GOAL 11: Sustainable Cities and Communities

  • Target 11.2.1: Provide access to safe, affordable, accessible, and sustainable transport systems for all.


The following datasets were provided to the participants:

  • Demand for public transportation on a semestral basis in each parish of origin and its respective destination parish in several cities in Portugal, provided by PSE.
  • Socio-demographic (age and gender) information of bus users, provided by PSE.


Besides the data provided, unemployment, parish population data, Google mobility, and points of interest (extracted from OpenStreetMaps) were used. Most teams agreed that more fine-grained data (ideally daily or even hourly) would be useful in solving this challenge and that the bi-yearly period is too short of making a good prediction. This would also enable the teams to use weather and air quality data.

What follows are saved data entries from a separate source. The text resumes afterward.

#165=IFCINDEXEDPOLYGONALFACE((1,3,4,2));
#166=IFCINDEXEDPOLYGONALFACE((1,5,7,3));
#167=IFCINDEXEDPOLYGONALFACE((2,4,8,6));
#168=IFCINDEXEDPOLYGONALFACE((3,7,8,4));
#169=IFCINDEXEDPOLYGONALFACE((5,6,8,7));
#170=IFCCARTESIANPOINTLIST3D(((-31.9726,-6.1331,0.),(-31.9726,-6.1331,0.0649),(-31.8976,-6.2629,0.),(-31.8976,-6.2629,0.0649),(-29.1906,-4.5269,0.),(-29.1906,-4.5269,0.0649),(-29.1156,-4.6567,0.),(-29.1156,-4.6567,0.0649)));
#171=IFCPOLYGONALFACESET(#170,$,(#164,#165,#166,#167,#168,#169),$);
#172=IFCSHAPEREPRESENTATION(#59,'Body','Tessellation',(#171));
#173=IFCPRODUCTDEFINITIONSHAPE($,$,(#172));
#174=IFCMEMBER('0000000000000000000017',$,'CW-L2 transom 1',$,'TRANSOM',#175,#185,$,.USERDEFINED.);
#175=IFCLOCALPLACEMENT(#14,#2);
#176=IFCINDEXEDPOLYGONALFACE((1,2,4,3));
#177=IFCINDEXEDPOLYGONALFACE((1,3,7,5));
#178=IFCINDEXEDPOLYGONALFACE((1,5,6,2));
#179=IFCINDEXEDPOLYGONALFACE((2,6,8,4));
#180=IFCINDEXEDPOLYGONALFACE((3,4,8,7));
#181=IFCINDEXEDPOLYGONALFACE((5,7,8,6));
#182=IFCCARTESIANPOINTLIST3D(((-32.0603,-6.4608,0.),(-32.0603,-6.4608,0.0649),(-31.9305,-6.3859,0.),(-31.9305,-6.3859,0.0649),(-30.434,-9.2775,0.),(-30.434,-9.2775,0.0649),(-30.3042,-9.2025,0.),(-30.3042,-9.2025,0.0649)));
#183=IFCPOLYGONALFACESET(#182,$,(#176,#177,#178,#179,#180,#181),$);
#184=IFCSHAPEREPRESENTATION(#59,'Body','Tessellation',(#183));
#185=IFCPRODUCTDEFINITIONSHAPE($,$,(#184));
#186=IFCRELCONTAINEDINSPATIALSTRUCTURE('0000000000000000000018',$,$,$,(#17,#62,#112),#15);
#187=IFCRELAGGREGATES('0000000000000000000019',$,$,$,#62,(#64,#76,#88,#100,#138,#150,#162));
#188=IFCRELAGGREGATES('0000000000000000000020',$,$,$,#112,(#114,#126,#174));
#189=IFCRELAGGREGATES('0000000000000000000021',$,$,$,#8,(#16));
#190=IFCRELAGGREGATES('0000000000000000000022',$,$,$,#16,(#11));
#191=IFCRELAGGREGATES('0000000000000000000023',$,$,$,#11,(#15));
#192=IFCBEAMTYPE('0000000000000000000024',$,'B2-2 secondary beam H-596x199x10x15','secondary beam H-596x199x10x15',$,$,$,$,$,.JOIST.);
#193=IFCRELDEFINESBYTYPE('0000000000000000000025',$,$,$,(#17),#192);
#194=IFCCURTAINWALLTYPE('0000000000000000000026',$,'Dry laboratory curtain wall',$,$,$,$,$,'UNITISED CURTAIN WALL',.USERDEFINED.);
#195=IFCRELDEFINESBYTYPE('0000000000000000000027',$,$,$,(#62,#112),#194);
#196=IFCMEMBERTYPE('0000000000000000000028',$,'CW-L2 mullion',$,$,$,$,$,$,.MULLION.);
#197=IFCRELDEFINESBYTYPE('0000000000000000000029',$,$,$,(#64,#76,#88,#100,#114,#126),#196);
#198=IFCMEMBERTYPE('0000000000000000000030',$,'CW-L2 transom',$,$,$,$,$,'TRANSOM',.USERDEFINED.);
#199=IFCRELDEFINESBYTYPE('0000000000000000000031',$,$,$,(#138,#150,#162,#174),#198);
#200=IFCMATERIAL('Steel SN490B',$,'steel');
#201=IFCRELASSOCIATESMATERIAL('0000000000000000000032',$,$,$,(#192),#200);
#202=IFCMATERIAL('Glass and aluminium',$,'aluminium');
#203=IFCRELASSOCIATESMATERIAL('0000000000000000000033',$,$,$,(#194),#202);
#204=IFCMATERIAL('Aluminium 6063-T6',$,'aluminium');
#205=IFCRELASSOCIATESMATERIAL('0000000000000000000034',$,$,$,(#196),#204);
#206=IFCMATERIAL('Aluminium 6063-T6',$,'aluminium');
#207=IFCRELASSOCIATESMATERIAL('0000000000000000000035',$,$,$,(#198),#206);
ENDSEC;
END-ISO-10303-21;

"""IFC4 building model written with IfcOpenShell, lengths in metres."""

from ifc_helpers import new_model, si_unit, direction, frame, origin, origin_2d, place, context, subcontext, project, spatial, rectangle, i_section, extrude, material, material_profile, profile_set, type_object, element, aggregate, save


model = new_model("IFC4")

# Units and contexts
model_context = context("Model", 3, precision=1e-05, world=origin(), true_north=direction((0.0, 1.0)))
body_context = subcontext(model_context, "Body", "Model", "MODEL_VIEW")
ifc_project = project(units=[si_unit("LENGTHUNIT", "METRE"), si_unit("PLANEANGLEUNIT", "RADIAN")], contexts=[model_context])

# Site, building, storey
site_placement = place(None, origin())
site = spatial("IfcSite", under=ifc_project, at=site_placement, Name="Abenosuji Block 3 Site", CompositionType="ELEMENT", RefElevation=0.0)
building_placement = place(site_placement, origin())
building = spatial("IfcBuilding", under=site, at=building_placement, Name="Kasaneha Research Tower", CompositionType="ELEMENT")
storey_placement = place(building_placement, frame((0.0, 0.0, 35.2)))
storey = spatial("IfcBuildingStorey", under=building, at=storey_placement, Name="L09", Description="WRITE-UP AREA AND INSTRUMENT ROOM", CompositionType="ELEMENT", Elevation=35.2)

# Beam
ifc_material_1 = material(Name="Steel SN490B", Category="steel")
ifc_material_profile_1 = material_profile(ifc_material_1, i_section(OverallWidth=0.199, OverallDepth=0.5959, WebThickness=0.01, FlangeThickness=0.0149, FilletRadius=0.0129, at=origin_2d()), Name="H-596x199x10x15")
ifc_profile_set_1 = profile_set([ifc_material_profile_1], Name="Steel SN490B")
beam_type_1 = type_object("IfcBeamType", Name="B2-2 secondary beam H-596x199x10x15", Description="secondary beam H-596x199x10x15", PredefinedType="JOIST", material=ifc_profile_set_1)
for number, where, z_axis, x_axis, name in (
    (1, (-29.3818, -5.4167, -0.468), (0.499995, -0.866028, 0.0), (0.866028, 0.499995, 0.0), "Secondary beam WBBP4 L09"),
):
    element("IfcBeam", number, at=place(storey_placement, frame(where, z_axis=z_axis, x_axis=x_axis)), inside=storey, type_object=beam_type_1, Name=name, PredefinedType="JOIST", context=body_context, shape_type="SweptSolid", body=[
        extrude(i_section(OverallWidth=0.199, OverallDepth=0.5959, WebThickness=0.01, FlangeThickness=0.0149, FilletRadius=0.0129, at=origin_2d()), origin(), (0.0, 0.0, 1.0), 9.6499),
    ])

Besides this, it would be helpful to have more segmentation in the socio-demographic data, data from ticket validation, car traffic, parking, and mobility data (e.g., from mobile providers). One team suggested using CCTV footage to count the number of people present at a metro station, bus stop, or even inside a bus.

Methods and Techniques

As the data was not very granular, many teams focused on data analysis rather than creating predictive models. In most cases, they could already identify the changes in public transportation usage by different demographics. One team proposed to use a Principal Component Analysis (PCA) to find the main driving factors behind churn. Some teams built predictive models using either Decision Trees or Gradient Boosting algorithms. 

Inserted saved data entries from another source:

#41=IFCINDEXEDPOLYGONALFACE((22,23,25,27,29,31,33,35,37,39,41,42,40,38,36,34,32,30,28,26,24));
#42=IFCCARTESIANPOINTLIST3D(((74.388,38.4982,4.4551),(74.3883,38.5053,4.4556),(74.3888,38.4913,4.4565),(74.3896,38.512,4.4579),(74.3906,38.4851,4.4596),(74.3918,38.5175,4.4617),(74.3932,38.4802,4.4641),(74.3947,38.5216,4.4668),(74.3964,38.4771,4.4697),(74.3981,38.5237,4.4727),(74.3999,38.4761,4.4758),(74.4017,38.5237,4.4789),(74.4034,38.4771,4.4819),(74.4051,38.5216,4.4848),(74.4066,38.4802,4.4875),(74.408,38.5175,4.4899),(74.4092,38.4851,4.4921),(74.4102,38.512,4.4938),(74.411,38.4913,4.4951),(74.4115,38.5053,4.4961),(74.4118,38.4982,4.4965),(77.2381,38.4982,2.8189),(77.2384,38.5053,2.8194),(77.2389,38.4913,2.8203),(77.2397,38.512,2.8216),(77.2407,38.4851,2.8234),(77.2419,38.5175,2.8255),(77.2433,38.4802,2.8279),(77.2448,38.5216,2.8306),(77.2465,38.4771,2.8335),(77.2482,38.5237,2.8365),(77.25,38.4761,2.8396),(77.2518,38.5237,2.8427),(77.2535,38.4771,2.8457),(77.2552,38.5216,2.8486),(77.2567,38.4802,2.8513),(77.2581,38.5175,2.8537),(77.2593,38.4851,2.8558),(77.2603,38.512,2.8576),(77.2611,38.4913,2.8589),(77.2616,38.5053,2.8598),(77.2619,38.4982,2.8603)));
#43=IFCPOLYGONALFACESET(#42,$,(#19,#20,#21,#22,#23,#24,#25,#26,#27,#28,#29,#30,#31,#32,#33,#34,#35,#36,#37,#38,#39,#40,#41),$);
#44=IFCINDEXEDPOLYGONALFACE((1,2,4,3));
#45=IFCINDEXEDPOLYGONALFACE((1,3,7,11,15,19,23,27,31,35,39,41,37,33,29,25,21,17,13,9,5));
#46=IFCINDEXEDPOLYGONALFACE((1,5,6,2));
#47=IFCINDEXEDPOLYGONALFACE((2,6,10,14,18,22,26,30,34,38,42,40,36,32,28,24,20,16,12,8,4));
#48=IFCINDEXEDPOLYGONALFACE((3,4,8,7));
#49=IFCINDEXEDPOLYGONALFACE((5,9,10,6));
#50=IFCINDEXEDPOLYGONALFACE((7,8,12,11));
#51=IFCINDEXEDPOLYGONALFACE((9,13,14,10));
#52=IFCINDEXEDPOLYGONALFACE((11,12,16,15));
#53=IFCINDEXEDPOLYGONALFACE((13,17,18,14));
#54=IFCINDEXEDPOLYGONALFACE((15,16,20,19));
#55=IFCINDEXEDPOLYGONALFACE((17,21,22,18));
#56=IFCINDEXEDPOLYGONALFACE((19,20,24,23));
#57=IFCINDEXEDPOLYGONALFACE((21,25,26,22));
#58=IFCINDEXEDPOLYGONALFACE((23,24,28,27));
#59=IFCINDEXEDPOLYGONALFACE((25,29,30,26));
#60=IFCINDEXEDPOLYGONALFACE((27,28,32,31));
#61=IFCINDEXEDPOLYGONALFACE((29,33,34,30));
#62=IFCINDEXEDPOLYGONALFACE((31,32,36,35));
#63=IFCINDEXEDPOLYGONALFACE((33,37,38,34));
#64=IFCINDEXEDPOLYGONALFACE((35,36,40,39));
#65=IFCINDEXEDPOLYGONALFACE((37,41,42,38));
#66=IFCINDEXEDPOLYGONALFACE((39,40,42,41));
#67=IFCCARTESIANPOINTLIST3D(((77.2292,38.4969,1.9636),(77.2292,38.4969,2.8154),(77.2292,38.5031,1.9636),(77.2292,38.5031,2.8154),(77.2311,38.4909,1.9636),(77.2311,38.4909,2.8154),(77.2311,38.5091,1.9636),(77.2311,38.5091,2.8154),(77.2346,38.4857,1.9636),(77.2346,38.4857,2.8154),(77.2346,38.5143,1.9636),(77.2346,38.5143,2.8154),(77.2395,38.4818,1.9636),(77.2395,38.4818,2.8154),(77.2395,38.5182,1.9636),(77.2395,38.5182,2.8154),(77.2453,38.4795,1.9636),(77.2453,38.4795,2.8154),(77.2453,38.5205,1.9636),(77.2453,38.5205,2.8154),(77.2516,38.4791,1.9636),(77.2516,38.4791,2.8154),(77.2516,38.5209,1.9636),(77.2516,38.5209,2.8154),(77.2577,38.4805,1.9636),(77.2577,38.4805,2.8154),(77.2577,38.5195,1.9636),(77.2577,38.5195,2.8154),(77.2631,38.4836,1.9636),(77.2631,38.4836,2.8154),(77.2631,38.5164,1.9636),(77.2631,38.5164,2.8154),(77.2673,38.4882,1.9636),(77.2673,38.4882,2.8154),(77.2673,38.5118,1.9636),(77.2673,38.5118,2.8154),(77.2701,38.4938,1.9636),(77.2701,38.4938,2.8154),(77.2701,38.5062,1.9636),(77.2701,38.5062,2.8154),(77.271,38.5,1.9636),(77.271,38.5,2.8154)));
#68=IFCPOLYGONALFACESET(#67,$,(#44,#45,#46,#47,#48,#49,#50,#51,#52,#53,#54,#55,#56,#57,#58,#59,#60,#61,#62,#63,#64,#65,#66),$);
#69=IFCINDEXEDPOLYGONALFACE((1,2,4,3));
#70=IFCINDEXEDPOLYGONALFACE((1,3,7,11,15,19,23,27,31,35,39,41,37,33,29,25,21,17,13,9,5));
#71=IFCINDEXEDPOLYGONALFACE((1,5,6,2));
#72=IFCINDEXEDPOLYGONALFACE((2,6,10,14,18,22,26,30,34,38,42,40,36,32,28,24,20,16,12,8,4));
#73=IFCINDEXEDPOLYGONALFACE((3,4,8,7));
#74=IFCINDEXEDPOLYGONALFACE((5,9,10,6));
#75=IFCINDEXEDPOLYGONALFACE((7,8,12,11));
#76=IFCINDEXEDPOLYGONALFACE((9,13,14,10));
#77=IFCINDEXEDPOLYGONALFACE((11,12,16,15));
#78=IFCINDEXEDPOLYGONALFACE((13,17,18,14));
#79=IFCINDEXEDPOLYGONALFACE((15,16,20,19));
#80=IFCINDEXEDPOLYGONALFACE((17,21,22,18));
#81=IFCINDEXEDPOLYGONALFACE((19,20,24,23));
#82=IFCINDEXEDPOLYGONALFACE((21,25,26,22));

One team used K-Means to classify the segments that are churning and later to identify which of the churning profiles affect which route the most.

Main Insights from Data

With the limited data available, it was already possible to demonstrate the usefulness of calculating and predicting the churn rate. The teams demonstrated that the demographic distribution of the bus users is different from the population distribution, particularly concerning the younger population. It was shown that the most significant factors for churning were the population density in the district, relative change in unemployment, and age groups.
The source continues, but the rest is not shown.